Egg Roll in a Bowl is a fantastic standalone dish, but you can serve it with sides to make it even more satisfying. For a lighter option, pair it with a simple green salad with a sesame dressing. If you’re craving something heartier, you can serve it alongside cauliflower rice or brown rice.

For a more indulgent meal, try serving the Egg Roll in a Bowl with a side of homemade keto-friendly spring rolls or cauliflower dumplings. This combination of dishes will give you all the flavors of your favorite Chinese takeout without any of the guilt.

Conclusion

Egg Roll in a Bowl is a healthy, versatile, and easy-to-make dish that is perfect for anyone looking to enjoy a savory, comforting meal without the carbs. Whether you’re following a paleo or keto diet or simply trying to make healthier meal choices, this recipe is a must-try. Packed with lean protein, crunchy vegetables, and an umami-rich sauce, it’s a dish the whole family will love. Plus, it’s quick to make, making it an ideal meal for busy weeknights.

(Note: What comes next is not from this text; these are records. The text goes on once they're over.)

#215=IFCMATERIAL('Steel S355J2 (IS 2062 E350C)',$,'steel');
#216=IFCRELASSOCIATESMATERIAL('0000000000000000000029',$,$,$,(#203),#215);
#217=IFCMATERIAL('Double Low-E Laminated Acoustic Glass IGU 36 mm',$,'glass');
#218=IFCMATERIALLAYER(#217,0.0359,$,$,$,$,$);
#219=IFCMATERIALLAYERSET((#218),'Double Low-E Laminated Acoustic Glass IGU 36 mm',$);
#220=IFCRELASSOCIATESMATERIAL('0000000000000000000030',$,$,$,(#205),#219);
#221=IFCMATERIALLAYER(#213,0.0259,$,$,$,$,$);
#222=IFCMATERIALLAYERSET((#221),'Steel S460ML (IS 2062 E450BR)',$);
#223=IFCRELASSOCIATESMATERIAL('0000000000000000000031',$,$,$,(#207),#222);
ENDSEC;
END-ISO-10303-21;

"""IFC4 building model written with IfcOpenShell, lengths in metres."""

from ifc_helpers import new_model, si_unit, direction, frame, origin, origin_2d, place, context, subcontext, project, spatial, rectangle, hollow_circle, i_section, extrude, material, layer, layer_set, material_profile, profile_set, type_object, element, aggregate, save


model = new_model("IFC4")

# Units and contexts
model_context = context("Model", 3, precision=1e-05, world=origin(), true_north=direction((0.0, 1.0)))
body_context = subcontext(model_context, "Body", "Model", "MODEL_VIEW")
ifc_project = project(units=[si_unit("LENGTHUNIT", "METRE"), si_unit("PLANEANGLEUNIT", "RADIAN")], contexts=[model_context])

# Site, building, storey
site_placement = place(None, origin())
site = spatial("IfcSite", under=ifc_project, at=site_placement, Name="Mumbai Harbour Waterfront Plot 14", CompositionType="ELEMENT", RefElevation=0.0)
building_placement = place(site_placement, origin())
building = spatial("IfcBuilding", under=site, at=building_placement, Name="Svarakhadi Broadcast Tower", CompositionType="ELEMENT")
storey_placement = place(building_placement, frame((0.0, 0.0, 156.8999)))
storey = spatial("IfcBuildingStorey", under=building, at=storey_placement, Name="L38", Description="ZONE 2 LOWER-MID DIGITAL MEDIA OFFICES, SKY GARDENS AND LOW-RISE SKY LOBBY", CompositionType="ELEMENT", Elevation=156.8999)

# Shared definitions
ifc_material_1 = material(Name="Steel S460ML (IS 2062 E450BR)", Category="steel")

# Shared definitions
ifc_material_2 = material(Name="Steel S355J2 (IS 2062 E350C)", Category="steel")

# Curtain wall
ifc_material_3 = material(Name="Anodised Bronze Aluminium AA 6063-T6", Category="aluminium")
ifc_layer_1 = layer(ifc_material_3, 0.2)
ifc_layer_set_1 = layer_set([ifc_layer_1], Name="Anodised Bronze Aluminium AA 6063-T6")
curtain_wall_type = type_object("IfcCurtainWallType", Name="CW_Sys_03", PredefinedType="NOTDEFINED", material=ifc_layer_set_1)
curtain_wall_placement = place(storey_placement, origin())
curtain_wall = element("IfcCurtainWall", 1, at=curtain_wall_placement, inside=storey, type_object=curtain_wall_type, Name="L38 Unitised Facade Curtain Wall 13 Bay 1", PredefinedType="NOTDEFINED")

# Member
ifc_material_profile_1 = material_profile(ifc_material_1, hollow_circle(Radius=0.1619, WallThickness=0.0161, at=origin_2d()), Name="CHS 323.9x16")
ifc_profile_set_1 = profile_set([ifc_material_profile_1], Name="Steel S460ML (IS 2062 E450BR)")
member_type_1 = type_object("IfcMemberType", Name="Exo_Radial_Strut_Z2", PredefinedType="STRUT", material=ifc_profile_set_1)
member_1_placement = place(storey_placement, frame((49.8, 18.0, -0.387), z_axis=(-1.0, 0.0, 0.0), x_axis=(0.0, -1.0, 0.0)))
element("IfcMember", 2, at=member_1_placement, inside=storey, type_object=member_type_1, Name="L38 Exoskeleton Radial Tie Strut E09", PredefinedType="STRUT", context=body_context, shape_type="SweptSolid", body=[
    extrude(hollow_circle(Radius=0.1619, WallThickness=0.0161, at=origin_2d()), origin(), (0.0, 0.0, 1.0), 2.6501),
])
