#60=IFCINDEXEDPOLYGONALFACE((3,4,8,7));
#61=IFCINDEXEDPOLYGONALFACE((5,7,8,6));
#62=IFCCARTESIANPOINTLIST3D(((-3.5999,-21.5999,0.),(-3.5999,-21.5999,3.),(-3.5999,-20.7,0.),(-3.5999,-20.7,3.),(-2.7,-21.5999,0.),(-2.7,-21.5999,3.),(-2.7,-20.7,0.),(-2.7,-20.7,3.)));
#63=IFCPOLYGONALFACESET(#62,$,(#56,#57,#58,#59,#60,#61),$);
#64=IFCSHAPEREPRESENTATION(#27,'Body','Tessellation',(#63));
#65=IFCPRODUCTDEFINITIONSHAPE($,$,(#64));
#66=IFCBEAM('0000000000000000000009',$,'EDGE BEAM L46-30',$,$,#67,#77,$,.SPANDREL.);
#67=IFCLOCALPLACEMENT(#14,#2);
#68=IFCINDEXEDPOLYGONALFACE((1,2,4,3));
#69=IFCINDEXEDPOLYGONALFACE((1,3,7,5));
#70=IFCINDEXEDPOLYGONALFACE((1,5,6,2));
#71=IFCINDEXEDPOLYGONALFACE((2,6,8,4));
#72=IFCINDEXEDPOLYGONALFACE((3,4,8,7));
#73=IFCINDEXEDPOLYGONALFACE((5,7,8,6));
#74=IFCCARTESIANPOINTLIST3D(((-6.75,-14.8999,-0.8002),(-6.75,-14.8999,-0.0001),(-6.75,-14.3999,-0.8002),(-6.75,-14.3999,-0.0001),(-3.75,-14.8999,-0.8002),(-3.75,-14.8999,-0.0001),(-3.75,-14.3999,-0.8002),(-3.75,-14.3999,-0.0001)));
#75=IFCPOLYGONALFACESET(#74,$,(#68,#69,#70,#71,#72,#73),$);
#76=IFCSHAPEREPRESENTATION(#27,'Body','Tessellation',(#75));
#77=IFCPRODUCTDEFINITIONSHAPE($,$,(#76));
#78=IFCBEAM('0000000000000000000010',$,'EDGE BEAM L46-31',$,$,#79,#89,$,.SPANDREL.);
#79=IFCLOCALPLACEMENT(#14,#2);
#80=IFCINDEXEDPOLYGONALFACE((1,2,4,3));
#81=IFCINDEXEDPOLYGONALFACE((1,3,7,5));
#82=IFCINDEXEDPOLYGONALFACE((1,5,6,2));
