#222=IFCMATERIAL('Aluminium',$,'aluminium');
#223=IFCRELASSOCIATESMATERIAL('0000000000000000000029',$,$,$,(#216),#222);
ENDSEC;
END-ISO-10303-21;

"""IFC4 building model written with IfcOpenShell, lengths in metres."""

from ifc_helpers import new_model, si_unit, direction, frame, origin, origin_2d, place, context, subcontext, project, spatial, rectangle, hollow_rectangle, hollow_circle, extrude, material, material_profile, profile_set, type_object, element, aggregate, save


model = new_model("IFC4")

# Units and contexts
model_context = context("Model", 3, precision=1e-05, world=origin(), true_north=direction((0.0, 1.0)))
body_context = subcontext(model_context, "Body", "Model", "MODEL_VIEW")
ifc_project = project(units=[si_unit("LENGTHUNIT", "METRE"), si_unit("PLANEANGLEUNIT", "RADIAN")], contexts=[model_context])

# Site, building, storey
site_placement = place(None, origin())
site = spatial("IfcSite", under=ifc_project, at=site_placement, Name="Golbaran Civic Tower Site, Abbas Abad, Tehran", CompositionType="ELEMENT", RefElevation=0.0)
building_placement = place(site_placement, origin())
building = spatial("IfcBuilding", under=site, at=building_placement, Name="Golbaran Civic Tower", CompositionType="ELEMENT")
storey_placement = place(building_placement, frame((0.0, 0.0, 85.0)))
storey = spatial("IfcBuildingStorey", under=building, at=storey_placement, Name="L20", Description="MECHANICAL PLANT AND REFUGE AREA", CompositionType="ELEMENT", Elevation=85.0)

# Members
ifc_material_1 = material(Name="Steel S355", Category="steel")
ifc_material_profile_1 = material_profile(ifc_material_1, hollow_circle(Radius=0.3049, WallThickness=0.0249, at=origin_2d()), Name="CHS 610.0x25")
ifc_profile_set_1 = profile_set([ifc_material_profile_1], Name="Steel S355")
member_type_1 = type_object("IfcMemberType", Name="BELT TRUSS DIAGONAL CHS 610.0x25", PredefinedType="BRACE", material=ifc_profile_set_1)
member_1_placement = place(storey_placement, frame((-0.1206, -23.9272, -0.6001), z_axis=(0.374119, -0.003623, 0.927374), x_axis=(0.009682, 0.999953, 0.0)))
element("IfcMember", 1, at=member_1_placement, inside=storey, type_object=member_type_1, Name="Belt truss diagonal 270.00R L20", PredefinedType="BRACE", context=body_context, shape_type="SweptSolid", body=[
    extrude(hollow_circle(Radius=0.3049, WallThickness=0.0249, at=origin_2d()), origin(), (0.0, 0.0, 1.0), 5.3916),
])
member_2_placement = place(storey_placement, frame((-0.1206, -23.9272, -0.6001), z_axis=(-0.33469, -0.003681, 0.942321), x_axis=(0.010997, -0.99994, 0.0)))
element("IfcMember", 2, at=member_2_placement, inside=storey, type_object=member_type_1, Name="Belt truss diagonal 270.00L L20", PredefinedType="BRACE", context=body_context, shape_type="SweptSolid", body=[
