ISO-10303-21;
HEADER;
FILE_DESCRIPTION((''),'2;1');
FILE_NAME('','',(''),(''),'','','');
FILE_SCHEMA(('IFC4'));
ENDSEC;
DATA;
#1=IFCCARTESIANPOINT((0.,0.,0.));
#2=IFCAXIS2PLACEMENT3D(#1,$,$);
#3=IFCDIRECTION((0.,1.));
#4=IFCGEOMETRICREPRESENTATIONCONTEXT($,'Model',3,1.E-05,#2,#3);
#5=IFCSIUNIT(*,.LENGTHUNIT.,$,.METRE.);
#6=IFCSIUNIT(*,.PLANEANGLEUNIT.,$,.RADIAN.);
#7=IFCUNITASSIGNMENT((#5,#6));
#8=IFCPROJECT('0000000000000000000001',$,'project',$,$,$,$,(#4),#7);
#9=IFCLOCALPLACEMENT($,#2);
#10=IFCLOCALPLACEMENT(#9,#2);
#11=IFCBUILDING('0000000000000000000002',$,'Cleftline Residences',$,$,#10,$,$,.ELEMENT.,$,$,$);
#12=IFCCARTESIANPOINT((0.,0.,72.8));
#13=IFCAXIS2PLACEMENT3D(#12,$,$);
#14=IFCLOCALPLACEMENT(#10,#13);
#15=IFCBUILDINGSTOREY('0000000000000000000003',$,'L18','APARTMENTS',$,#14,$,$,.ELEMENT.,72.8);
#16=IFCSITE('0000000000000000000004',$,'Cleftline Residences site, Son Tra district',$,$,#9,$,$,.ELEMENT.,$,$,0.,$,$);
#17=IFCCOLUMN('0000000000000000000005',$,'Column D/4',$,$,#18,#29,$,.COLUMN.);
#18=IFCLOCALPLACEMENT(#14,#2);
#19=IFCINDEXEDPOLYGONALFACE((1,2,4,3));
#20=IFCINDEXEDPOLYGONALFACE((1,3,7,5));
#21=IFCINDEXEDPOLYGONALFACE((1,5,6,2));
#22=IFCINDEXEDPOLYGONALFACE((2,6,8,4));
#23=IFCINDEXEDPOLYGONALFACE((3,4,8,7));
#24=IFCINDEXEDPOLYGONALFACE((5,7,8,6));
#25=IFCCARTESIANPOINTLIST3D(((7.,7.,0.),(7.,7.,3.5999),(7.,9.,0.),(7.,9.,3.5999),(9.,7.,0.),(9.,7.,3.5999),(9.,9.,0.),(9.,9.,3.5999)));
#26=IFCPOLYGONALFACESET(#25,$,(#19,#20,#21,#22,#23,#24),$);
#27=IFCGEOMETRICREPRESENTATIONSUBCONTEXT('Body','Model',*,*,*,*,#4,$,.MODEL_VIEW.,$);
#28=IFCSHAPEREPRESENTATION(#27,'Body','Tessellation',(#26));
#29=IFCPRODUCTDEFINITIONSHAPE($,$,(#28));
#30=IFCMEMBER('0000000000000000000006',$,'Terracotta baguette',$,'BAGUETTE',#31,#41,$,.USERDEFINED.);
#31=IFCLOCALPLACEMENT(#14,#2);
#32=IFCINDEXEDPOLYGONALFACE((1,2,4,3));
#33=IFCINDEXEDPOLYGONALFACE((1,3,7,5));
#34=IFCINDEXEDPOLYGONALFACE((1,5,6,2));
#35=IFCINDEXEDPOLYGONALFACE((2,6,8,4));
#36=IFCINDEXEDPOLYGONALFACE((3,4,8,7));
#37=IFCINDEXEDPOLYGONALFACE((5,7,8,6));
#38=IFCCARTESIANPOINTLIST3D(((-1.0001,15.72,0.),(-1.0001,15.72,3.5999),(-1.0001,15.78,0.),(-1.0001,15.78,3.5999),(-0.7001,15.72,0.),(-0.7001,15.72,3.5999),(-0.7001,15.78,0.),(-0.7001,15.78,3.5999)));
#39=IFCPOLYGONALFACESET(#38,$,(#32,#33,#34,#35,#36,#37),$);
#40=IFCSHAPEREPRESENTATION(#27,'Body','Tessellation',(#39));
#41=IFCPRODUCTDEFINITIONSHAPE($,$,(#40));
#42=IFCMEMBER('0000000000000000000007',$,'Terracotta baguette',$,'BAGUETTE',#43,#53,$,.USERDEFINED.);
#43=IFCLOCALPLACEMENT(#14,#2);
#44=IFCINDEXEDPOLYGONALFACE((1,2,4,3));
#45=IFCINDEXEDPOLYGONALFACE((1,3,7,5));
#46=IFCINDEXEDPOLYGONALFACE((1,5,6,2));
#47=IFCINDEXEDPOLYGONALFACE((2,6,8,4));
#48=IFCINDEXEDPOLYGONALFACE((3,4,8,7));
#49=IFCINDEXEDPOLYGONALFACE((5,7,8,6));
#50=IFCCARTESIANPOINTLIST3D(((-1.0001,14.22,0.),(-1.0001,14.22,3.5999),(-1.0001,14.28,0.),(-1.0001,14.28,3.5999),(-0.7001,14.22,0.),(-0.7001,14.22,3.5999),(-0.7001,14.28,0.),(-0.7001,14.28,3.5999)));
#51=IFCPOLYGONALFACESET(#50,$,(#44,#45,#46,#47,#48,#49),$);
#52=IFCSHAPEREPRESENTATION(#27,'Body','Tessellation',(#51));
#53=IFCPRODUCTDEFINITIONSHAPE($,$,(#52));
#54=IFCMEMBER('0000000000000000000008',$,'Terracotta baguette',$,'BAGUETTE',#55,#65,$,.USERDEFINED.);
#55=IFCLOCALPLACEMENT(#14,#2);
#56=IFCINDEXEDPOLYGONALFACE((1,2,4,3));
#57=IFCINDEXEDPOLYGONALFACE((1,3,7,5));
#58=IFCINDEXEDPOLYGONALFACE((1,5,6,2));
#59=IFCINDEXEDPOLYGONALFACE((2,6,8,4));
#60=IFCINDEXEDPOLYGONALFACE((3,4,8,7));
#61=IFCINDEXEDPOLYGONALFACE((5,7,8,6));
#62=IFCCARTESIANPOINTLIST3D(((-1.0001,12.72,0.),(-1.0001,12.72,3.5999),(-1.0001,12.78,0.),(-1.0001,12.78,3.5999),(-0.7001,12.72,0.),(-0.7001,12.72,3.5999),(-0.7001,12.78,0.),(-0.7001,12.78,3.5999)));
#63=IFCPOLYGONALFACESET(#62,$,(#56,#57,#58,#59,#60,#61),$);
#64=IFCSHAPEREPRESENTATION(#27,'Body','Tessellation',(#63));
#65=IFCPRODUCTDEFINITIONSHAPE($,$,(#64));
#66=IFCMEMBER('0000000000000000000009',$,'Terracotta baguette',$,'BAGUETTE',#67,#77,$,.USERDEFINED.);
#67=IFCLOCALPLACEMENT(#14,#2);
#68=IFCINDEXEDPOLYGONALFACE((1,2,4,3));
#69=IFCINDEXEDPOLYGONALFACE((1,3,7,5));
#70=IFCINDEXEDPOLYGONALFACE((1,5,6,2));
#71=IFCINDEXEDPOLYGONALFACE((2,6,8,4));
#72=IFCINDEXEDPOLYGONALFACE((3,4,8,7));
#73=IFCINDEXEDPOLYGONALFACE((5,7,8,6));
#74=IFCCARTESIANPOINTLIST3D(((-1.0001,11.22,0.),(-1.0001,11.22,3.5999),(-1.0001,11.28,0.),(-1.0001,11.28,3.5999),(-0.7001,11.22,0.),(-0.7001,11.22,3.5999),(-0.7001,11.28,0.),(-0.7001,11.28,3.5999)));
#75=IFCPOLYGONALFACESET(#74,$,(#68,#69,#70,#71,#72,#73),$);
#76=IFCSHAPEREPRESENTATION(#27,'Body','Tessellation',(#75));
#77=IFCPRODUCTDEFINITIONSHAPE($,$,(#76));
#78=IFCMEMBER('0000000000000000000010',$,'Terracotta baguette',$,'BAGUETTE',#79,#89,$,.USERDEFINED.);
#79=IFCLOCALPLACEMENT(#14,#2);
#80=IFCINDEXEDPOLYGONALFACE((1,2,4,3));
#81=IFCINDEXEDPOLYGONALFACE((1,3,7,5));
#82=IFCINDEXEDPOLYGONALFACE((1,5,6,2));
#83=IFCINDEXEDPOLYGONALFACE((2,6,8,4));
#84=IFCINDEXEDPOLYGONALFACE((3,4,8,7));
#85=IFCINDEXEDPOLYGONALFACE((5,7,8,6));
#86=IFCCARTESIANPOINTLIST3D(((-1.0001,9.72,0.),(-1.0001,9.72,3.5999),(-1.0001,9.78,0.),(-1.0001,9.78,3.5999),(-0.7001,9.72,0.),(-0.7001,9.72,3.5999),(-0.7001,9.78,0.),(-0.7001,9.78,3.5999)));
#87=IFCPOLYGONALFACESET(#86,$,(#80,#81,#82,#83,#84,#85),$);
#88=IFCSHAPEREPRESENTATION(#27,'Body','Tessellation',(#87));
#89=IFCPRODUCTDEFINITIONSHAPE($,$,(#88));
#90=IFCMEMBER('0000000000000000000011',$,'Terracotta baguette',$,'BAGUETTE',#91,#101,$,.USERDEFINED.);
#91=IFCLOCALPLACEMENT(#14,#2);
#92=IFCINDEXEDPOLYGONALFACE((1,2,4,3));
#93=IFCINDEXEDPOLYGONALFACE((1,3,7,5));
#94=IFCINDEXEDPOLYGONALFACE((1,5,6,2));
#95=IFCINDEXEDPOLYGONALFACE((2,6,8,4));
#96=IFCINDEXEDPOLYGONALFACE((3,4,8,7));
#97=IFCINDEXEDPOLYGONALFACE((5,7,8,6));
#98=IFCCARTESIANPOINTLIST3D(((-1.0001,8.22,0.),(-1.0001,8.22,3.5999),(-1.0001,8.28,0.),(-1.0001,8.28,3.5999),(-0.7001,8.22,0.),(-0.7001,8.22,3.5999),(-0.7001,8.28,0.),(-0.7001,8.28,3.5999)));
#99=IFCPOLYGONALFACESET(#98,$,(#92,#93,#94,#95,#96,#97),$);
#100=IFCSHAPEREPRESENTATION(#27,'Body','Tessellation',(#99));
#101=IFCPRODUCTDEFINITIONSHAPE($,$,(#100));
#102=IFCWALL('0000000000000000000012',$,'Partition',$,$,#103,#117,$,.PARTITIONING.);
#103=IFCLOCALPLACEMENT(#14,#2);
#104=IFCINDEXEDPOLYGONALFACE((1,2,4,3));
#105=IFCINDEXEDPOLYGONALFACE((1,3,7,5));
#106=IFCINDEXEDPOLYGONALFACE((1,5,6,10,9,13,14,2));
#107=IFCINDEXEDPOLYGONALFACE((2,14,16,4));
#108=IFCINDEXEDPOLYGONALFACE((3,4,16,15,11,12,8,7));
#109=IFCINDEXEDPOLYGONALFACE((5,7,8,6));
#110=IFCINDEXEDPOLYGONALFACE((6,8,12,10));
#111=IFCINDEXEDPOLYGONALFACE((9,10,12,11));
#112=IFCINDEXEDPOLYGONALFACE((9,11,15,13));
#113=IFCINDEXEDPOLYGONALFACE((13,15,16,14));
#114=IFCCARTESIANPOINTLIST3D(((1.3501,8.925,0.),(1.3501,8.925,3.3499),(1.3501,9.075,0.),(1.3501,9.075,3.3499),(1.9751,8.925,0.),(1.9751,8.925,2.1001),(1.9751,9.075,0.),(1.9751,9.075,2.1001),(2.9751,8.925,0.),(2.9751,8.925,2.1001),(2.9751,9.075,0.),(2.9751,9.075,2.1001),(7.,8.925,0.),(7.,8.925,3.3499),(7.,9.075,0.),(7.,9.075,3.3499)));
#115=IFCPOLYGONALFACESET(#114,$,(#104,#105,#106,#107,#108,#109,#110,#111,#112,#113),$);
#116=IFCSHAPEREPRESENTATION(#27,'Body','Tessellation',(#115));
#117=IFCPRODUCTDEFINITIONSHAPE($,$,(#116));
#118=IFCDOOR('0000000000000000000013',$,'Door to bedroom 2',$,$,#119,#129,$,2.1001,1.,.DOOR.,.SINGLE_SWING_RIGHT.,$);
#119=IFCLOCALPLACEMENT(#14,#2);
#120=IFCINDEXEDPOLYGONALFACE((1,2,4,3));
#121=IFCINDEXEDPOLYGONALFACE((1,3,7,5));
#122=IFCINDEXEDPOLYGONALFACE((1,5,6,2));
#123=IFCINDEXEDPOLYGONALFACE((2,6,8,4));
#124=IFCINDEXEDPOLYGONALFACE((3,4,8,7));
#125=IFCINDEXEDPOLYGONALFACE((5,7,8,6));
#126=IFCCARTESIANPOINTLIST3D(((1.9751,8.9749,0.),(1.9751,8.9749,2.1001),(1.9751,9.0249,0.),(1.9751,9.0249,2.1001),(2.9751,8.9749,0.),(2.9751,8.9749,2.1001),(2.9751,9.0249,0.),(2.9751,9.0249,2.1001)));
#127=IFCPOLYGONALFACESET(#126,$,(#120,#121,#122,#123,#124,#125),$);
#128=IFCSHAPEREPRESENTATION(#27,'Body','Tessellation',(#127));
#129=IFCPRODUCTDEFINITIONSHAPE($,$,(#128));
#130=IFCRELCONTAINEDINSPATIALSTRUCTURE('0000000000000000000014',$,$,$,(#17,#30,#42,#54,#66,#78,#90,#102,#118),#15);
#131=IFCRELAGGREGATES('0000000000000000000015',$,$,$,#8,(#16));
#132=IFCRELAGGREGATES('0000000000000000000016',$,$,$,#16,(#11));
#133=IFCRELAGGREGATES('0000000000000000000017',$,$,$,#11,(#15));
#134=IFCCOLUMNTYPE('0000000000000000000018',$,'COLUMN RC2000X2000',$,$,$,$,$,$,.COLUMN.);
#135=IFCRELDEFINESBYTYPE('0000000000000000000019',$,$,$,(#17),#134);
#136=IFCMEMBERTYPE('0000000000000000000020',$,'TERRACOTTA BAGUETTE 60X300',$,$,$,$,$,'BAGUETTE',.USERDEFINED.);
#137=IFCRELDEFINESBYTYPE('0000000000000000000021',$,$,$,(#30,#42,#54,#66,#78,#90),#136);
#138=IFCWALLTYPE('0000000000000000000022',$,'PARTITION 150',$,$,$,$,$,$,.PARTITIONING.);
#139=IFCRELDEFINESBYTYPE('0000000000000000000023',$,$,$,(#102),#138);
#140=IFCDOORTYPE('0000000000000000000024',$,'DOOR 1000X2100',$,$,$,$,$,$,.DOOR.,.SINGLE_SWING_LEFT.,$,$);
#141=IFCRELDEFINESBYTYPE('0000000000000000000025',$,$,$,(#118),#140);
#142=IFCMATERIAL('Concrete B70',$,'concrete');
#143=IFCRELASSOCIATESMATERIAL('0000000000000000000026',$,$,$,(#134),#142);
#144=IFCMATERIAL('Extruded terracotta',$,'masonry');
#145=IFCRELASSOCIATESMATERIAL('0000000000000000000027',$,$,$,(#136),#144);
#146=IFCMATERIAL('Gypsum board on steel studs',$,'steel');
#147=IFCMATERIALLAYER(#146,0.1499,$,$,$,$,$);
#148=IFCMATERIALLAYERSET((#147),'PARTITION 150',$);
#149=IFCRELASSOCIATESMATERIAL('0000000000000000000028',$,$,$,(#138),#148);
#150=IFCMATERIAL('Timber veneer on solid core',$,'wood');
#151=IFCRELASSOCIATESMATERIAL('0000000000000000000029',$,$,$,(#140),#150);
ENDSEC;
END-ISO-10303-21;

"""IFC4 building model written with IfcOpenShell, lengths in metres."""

from ifc_helpers import new_model, si_unit, direction, frame, frame_2d, origin, origin_2d, place, context, subcontext, project, spatial, rectangle, extrude, material, layer, layer_set, material_profile, profile_set, type_object, element, fill, save


model = new_model("IFC4")

# Units and contexts
model_context = context("Model", 3, precision=1e-05, world=origin(), true_north=direction((0.0, 1.0)))
body_context = subcontext(model_context, "Body", "Model", "MODEL_VIEW")
ifc_project = project(units=[si_unit("LENGTHUNIT", "METRE"), si_unit("PLANEANGLEUNIT", "RADIAN")], contexts=[model_context])

# Site, building, storey
site_placement = place(None, origin())
site = spatial("IfcSite", under=ifc_project, at=site_placement, Name="Cleftline Residences site, Son Tra district", CompositionType="ELEMENT", RefElevation=0.0)
building_placement = place(site_placement, origin())
building = spatial("IfcBuilding", under=site, at=building_placement, Name="Cleftline Residences", CompositionType="ELEMENT")
storey_placement = place(building_placement, frame((0.0, 0.0, 72.8)))
storey = spatial("IfcBuildingStorey", under=building, at=storey_placement, Name="L18", Description="APARTMENTS", CompositionType="ELEMENT", Elevation=72.8)

# Column
ifc_material_1 = material(Name="Concrete B70", Category="concrete")
ifc_material_profile_1 = material_profile(ifc_material_1, rectangle(XDim=2.0, YDim=2.0, at=origin_2d()))
ifc_profile_set_1 = profile_set([ifc_material_profile_1], Name="Concrete B70")
column_type = type_object("IfcColumnType", Name="COLUMN RC2000X2000", PredefinedType="COLUMN", material=ifc_profile_set_1)
column_placement = place(storey_placement, frame((8.0, 8.0, 0.0), z_axis=(0.0, 0.0, 1.0), x_axis=(1.0, 0.0, 0.0)))
element("IfcColumn", 1, at=column_placement, inside=storey, type_object=column_type, Name="Column D/4", PredefinedType="COLUMN", context=body_context, shape_type="SweptSolid", body=[
    extrude(rectangle(XDim=2.0, YDim=2.0, at=origin_2d()), origin(), (0.0, 0.0, 1.0), 3.5999),
])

This recipe allows you to enjoy the flavors of a classic egg roll without the heavy deep-fried wrapper, offering a healthier, lighter alternative that doesn’t compromise on taste. With its flexibility in terms of ingredients and seasoning, Egg Roll in a Bowl is a perfect go-to recipe for those who want something satisfying, nutritious, and easy to prepare.

Give it a try today and indulge in the delicious, guilt-free flavors of this low-carb, paleo-friendly dish. Your taste buds (and your body) will thank you!